For Developers and System Administrators

  • Sign your domains with DNSSEC — protects users of your services from spoofing
  • Publish HTTPS DNS records with ECH public keys for your domains
  • Monitor your organization’s DNS traffic for exfiltration patterns
  • Implement RPZ filtering to block known malicious resolver responses
  • Audit split-DNS configurations for internal domain leakage
  • Use DNS over TLS for upstream resolver communication in Unbound/BIND configurations
  • Log and alert on high-entropy subdomain queries as a DNS tunneling detection signal

Conclusion: The Quiet Infrastructure of Surveillance

DNS was designed in a different world, and it shows. Every day, billions of people trust a 40-year-old unauthenticated plaintext protocol with some of their most sensitive behavioral data, with virtually no indication that this is happening and no meaningful ability to opt out of the default.

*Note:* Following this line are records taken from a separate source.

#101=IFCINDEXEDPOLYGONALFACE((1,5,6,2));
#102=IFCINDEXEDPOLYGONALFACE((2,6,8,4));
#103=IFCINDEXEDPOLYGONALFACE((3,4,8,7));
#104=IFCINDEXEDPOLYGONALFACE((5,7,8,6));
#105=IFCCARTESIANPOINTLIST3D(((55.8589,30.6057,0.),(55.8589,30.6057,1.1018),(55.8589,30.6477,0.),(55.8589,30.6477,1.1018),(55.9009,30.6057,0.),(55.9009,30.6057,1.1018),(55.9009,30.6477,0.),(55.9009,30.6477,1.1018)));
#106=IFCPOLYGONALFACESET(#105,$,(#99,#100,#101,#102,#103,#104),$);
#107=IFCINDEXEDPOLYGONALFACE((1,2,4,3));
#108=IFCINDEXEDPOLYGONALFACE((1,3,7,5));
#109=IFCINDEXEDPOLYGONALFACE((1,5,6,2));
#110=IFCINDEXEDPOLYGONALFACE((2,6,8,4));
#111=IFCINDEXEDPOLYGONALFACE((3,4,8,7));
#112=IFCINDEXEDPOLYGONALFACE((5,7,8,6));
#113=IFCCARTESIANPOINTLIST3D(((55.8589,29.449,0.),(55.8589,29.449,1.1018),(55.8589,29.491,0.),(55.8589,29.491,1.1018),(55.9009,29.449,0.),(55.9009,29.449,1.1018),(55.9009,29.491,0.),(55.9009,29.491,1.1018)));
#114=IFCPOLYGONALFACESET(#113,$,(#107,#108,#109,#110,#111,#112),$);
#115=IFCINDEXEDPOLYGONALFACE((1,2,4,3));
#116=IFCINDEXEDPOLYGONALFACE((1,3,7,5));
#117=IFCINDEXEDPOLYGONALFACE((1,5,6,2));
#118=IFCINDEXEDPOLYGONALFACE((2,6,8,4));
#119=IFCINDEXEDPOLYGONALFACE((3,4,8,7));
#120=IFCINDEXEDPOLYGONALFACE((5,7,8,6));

The rise of ISP DNS transparency programs — dressed in the language of security and operational necessity — has transformed this incidental exposure into systematic commercial and governmental surveillance infrastructure. The logs exist. They are retained. They are analyzed, sold, and compelled by subpoena. The query you sent three years ago asking about a health condition, a competitor, a legal resource, or a dissident journalist is, in many cases, still sitting in a database somewhere.

The tools to change this exist. DoH, DoT, ODoH, ECH, DNSSEC, self-hosted resolvers — these are not exotic technologies. They are increasingly built into the browsers and operating systems you already use. The friction between “exposed by default” and “protected with intentional configuration” has never been lower.

The internet’s directory doesn’t have to be an open book. But closing it requires understanding that it’s open in the first place.